Categories
Law

Supreme Court strikes down Jerusalem passport law

The Supreme Court on Monday ruled that the power to recognize foreign nations belongs to the president alone, resolving a dispute between the executive branch and Congress over the American position on the status of Jerusalem.

The decision came in connection with a passport issued to Menachem Binyamin Zivotofsky, who was born in 2002 to U.S. citizens living in the contested capital. Zivotofsky’s parents had asked the U.S. Department of State to list the place of birth on his passport as “Jerusalem, Israel.” The department declined, citing a longstanding policy of neutrality on the status of the city. Zivotofsky’s passport would list only “Jerusalem” as his place of birth, the department determined.

Zivotofsky’s parents sued, charging that a law passed in 2002 requires the Secretary of State to identify citizens born in Jerusalem who so request as being born in Israel, a position at odds with the policy of presidents dating to the Oslo Accords, which call for Jerusalem’s status to be resolved through negotiation. Though a trial judge declined to resolve the dispute, which the judge concluded presented a question committed to the legislative and executive branches of government, the D.C. Circuit Court of Appeals later sided with the executive branch, declaring the statute to be unconstitutional.

By a vote of 6 to 3, the Court agreed, holding that the Constitution gives the president the exclusive right to recognize foreign governments and nations. “The President’s exclusive recognition power encompasses the authority to acknowledge, in a formal sense, the legitimacy of other states and governments, including territorial bounds,” Justice Kennedy wrote for the majority. “Albeit limited, the exclusive recognition power is essential to the conduct of presidential duties.”

“The formal act of recognition is an executive power that Congress may not qualify,” he added.

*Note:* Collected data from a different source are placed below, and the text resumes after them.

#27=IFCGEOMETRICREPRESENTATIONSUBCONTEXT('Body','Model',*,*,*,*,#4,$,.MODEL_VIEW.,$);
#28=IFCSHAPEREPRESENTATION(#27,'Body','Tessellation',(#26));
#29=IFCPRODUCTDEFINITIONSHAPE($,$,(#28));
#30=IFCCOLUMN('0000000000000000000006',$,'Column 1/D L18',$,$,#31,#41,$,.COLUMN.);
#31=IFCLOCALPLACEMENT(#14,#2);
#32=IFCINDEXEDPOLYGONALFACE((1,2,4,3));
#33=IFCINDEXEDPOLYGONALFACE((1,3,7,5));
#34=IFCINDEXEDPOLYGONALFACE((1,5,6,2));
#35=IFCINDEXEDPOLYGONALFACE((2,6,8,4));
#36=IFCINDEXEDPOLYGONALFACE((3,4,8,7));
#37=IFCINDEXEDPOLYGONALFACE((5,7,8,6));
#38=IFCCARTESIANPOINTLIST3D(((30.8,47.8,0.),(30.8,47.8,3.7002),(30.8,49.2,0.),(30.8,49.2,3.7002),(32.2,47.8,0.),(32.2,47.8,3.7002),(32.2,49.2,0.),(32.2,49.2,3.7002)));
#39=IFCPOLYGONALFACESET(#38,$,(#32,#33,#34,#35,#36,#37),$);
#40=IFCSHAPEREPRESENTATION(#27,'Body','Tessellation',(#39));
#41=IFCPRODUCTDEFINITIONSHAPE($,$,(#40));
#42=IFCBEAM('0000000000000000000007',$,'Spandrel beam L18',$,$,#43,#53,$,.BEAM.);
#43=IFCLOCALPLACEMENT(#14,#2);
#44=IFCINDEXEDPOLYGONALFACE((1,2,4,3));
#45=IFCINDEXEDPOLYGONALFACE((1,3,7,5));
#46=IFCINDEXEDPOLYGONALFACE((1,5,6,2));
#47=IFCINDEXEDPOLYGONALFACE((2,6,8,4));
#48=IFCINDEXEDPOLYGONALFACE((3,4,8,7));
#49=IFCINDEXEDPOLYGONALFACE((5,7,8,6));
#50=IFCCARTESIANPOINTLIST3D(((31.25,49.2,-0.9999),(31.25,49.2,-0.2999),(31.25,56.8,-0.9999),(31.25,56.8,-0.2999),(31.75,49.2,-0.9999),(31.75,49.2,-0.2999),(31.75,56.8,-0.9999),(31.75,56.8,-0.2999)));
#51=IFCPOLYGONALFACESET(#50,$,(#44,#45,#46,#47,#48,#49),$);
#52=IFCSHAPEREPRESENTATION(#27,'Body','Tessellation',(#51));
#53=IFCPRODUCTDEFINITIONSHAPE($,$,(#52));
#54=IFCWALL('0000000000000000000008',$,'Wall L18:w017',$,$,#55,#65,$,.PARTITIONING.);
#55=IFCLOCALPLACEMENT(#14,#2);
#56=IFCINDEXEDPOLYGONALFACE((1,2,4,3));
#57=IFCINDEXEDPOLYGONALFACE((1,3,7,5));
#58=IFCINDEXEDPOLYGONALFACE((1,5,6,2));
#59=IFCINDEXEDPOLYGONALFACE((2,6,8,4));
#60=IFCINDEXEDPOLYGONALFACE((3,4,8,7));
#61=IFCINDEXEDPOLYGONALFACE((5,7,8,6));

In arriving at its determination, the majority looked to the framework for assessing exercises of executive power first articulated by the Court in 1952, when the justices invalidated a move by President Truman to seize the nation’s strike-bound steel mills during the Korean War. According to that analysis, when the president takes measures that are incompatible with a congressional mandate, the president’s power, as Kennedy explained, “must be both ‘exclusive’ and ‘conclusive’ on the issue.”

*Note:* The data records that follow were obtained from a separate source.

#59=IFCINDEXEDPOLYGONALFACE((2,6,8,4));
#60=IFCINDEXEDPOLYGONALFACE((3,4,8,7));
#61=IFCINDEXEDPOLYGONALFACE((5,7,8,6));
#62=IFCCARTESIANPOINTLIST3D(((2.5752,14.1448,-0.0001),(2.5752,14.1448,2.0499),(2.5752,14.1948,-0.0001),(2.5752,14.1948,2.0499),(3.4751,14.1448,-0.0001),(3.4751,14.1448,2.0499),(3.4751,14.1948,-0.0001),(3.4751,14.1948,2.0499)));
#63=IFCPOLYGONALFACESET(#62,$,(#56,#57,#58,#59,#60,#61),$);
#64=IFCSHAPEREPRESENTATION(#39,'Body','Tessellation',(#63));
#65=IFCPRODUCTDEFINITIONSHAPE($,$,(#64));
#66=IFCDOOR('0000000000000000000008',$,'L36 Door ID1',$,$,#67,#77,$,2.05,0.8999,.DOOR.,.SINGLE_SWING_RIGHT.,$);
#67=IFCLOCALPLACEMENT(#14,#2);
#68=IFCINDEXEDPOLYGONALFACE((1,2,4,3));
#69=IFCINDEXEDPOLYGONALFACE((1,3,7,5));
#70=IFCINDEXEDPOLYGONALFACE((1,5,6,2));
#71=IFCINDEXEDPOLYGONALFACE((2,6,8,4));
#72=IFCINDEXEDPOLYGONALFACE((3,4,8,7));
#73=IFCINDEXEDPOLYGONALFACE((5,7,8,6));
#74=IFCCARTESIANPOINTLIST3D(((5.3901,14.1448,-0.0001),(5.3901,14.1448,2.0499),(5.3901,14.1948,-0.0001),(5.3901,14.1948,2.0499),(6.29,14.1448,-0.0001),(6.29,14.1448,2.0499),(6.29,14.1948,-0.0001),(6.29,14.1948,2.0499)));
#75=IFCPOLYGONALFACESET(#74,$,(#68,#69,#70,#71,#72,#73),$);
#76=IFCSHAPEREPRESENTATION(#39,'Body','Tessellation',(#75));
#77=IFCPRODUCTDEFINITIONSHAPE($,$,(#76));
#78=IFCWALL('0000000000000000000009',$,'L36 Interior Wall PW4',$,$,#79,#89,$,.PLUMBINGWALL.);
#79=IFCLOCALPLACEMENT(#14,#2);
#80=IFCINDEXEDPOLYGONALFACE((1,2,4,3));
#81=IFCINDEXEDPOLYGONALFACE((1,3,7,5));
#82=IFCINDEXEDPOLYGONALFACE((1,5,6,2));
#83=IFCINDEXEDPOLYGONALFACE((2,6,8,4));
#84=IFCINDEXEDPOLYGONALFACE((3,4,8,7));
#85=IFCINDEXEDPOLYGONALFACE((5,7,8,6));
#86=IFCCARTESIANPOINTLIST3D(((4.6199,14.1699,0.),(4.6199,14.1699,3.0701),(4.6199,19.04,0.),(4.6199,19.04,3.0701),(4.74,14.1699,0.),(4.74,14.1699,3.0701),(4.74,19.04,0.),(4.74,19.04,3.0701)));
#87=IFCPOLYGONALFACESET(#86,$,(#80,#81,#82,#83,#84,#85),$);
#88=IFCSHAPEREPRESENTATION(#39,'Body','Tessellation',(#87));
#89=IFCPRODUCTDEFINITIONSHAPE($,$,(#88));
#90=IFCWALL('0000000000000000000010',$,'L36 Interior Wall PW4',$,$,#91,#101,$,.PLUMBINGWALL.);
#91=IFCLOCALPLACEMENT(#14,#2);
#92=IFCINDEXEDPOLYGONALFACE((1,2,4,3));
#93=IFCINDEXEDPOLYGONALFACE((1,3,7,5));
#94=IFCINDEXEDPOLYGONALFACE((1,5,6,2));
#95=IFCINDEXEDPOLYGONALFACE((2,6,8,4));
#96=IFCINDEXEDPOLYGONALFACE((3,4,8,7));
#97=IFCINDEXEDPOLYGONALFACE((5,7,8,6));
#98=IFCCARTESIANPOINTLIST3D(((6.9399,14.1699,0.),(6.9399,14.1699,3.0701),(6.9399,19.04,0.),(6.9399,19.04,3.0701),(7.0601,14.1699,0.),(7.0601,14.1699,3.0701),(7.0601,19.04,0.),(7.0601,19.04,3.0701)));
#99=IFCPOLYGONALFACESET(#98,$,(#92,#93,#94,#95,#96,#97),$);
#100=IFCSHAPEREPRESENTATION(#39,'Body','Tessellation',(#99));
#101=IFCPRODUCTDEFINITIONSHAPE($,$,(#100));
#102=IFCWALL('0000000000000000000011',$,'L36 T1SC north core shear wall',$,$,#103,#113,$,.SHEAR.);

The majority traced debates over the power to recognize nations to 1793, when President Washington, without consulting Congress, authorized diplomatic relations with the revolutionary government of France. “Congress expressed no disagreement with this position, and [the French ambassador’s] reception marked the Nation’s first act of recognition—one made by the president alone,” wrote Kennedy.

According to the Court, Congress also honored a decision by President Monroe not to recognize Argentina and Chile initially as those republics cast off colonization by Spain, as well as a determination by President Jackson to recognize Texas when it ceded from Mexico and President Lincoln’s decision to recognize Liberia and Haiti.

Similarly, as the majority noted, Congress acceded to President McKinley’s opposition to recognizing Cuba when it separated from Spain in 1898 and to President Carter’s recognition of the People’s Republic of China instead of Taiwan as the government of China.

Though the recognition power belongs exclusively to the president, Congress has other ways to disagree with the executive branch in the conduct of foreign relations, the majority noted. As Kennedy observed, the Constitution authorizes the legislature to decline to confirm an ambassador, to put in place an embargo or to declare war.

“From the face of [the statute], from the legislative history, and from its reception, it is clear that Congress wanted to express its displeasure with the president’s policy by, among other things, commanding the executive to contradict his own, earlier stated position on Jerusalem,” Kennedy wrote. “This Congress may not do.”

For their part, the Court’s dissenters rejected the majority’s view of the separation of powers at issue. “I agree that the Constitution empowers the president to extend recognition on behalf of the United States, but I find it a much harder question whether it makes that power exclusive,” wrote Justice Scalia, who took the unusual step of reading his dissent from the bench.

Chief Justice Roberts, writing separately, called the ruling unprecedented. “Today’s decision is a first: Never before has this Court accepted a president’s direct defiance of an Act of Congress in the field of foreign affairs,” he wrote.

U.S. and Palestinian officials welcomed the ruling, while the Israeli government declined to comment. “This is an important decision which accords with international resolutions and the resolutions of the U.N. Security Council and General Assembly,” a spokesman for Palestinian President Mahmoud Abbas told Reuters.